Best Running Shoes For Bad Knees

It is essential to learn about the best running shoes for bad knees so that you will not make the condition of your knees worse. Running is beneficial under most circumstances, but you have to be extra careful if you have bad knees. Buying a good quality running shoe can eliminate most of the pain, especially if you buy new shoes after a few hundred miles (some experts say approximately 300 to 500 miles, but it could be sooner). Many good running shoes even have a "best by" date on them, so pay attention to that helpful detail. Regular running breaks down the inside padding material of the shoes, so you can often use your own judgment as to when the shoes should be replaced because you begin to have more pain in your knees, hips, and feet.  Buying another quality running shoe usually stops the pain. However, if you run too far, too fast, too often, or too soon after having some type of injury, the chances of re-injury increases. Your feet must absorb 110 tons of energy with every mile that you run, and any continuous pressure can cause pain on your kneecap. Over 50 million people are suffering or have suffered from knee pain or injury. 

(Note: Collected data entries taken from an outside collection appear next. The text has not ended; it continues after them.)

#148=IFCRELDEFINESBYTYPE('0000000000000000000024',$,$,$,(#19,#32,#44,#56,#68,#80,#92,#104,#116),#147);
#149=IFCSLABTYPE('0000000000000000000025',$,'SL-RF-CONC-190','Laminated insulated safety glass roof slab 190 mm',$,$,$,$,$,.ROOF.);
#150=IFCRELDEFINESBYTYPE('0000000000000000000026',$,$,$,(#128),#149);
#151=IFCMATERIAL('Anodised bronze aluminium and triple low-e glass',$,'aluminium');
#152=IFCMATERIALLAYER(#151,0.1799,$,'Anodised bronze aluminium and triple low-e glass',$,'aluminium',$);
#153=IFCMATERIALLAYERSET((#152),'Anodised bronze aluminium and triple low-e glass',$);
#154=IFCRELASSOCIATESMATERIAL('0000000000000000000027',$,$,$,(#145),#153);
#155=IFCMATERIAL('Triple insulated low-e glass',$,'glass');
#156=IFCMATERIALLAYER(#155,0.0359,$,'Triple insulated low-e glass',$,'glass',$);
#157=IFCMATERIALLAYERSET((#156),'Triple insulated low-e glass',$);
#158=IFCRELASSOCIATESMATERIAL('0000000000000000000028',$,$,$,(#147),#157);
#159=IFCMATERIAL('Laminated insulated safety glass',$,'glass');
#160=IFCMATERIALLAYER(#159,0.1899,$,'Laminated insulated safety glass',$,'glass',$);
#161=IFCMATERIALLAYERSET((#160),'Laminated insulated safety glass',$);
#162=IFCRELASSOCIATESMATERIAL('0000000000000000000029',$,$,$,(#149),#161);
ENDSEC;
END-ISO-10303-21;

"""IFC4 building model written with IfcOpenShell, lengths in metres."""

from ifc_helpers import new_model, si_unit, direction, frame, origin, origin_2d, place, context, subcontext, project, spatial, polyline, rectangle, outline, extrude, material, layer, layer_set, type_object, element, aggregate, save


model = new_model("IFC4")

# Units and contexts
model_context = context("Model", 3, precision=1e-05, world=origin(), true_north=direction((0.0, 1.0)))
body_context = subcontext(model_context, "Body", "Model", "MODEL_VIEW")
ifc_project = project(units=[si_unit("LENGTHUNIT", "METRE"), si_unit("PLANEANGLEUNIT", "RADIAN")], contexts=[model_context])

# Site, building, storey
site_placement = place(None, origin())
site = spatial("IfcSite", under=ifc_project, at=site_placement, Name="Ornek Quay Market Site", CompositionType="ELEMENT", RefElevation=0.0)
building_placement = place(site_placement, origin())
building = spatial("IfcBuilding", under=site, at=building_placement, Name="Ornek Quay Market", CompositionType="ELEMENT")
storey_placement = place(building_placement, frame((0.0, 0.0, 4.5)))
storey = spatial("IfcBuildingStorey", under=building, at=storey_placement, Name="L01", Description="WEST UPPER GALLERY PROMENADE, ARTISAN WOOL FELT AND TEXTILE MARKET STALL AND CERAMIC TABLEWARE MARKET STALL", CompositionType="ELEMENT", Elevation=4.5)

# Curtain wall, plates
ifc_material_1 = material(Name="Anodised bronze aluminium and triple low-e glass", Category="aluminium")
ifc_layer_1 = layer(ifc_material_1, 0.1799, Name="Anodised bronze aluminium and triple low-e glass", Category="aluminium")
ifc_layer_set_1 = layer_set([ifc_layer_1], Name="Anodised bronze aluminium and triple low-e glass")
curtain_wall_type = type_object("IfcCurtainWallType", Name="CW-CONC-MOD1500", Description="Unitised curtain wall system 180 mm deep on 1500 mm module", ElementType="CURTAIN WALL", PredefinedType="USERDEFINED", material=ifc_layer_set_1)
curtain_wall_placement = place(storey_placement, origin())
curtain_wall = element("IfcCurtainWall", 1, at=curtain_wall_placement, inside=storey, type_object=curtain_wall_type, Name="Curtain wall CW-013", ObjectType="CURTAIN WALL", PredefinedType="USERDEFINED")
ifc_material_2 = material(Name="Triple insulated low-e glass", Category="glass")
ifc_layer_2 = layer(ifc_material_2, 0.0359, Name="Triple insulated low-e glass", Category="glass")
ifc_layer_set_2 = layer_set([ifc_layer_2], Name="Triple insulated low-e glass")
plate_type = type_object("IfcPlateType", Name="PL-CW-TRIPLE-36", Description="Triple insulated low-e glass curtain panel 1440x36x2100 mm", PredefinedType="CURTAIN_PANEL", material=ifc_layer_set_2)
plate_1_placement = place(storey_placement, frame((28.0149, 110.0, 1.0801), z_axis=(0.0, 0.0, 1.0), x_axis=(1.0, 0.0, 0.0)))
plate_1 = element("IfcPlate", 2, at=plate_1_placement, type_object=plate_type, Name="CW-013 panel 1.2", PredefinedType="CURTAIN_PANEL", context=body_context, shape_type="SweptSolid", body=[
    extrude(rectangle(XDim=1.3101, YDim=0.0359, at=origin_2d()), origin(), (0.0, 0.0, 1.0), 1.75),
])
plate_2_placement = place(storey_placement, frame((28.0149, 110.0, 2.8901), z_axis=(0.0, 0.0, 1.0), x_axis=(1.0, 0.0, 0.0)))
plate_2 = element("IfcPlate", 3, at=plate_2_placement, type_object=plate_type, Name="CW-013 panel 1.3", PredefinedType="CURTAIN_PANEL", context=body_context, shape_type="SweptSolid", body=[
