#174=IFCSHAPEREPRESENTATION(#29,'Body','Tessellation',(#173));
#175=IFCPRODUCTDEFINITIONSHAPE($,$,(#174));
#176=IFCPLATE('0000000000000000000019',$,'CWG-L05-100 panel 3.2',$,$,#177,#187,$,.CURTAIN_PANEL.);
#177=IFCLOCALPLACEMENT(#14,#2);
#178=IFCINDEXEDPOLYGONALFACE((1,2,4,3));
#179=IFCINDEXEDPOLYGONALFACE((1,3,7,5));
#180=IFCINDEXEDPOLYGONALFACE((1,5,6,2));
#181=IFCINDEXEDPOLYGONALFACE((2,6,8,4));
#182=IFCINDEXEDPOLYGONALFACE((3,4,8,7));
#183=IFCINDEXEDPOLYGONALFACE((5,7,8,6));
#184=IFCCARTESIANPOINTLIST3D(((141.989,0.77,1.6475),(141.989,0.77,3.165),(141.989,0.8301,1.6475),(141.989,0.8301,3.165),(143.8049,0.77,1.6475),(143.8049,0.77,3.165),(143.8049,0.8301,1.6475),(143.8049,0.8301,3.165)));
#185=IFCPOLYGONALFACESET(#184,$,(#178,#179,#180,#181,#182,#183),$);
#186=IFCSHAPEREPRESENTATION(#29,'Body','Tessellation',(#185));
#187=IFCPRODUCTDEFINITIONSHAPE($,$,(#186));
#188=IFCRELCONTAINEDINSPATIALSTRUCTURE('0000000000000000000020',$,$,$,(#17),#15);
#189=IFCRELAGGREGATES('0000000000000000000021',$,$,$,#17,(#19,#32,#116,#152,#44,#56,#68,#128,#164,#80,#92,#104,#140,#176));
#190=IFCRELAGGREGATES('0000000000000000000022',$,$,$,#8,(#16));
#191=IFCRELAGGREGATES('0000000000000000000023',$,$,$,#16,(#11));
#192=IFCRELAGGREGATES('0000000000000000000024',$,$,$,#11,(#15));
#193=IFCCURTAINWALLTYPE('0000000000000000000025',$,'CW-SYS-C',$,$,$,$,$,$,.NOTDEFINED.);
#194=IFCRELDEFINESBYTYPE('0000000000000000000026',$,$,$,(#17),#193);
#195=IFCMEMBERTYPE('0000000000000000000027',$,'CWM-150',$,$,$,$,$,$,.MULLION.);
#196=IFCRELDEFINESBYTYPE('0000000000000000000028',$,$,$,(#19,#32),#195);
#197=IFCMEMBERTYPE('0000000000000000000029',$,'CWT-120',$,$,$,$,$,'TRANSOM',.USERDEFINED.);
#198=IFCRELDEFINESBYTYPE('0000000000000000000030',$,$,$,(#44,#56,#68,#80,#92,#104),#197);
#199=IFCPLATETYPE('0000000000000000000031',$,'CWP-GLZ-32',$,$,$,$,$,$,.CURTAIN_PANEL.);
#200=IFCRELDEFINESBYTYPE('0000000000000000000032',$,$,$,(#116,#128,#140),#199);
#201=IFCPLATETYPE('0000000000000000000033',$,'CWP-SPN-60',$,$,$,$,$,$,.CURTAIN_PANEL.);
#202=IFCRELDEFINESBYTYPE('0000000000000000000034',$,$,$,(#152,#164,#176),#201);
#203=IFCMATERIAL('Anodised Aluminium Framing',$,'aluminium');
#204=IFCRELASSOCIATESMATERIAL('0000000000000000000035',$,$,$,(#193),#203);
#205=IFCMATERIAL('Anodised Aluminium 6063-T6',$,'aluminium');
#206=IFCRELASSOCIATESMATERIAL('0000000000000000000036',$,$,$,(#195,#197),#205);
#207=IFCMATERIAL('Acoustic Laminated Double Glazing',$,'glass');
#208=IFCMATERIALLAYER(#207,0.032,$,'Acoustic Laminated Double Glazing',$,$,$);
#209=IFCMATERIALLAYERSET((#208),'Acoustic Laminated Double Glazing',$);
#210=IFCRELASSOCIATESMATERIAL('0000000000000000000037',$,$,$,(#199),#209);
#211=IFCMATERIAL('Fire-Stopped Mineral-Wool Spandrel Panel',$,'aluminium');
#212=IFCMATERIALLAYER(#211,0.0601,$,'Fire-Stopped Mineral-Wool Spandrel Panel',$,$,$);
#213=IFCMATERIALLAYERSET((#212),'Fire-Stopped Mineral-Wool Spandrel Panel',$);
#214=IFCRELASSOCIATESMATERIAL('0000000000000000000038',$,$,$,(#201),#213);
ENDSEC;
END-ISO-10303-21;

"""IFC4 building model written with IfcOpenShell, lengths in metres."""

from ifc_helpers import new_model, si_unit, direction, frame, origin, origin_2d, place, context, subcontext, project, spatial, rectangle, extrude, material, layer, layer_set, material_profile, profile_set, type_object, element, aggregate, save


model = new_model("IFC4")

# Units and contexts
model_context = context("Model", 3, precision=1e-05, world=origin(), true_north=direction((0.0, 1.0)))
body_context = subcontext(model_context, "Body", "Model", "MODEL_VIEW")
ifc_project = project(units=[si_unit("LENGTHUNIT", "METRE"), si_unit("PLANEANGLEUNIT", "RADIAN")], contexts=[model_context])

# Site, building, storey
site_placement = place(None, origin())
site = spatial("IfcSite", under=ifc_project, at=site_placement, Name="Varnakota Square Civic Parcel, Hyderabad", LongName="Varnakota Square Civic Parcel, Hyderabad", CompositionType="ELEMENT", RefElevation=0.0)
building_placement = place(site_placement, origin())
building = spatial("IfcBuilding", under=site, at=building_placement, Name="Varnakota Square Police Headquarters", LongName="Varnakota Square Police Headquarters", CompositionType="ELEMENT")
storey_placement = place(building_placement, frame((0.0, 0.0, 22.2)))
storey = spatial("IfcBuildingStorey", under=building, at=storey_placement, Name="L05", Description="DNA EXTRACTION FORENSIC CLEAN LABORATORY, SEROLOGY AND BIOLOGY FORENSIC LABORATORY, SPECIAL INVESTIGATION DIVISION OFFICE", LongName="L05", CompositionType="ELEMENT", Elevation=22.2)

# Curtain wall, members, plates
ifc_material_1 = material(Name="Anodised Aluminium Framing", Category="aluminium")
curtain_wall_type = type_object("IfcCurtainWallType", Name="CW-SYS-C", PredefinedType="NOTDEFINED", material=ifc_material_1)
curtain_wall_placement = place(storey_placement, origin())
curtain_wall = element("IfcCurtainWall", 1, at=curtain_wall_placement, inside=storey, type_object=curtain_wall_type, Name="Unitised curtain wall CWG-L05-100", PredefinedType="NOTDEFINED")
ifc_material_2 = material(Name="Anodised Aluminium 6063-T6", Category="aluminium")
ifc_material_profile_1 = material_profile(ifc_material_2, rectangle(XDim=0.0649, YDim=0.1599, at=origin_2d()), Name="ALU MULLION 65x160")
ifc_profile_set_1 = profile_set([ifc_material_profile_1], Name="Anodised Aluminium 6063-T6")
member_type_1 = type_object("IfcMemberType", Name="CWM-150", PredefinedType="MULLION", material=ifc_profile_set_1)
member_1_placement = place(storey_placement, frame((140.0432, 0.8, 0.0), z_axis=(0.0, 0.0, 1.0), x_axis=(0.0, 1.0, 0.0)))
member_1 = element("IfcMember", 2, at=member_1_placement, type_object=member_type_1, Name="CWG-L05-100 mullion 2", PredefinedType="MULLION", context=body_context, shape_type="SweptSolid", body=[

Follow running days with easy days. Running on uneven or slanted or hilly surfaces is also bad for the knees. Concrete is the hardest surface and should be avoided, try to run on grass. Another detriment is any extra weight you may be carrying. Less weight on your body means less knee damage with every step. Every pound is multiplied by six in stress placed on the knees. Power walking or biking or using an elliptical trainer  is less stressful on the knees than running and still gives you a good workout.

If you have knee pain, put ice on the area (wrapped in a towel and for no longer than 20 minutes every hour), take an OTC anti-inflammatory pain remedy such as ibuprofen, elevate your leg, and rest for two or three days. If the pain continues for a week or your knee swells, you may have to see your doctor. If there is no internal knee damage or torn cartilage, your doctor may suggest some strengthening exercises. A short-term solution may be a knee brace. Your orthopedic doctor or physical therapist may be able to tell you if you can purchase a standard brace at the store or need to have a specifically designed one made to direct your kneecap in the correct direction.

Go to a specialty running store and get the proper fitting running shoes for you. Every manufacturer has a diverse selection in the types of shoes for various needs.  Each person is an individual with personal knee problems and with the need to protect the knees as much as possible, the store employee can diagnose  your abnormalities and make sure you get the best shoes for you. If you need stable running shoes, you can test the shoes by simply placing them on a table at eye level and seeing if the shoes stand straight. If the soles are worn down, the shoes will tip in or out. You can also examine the shoes for excessive wear at the same time.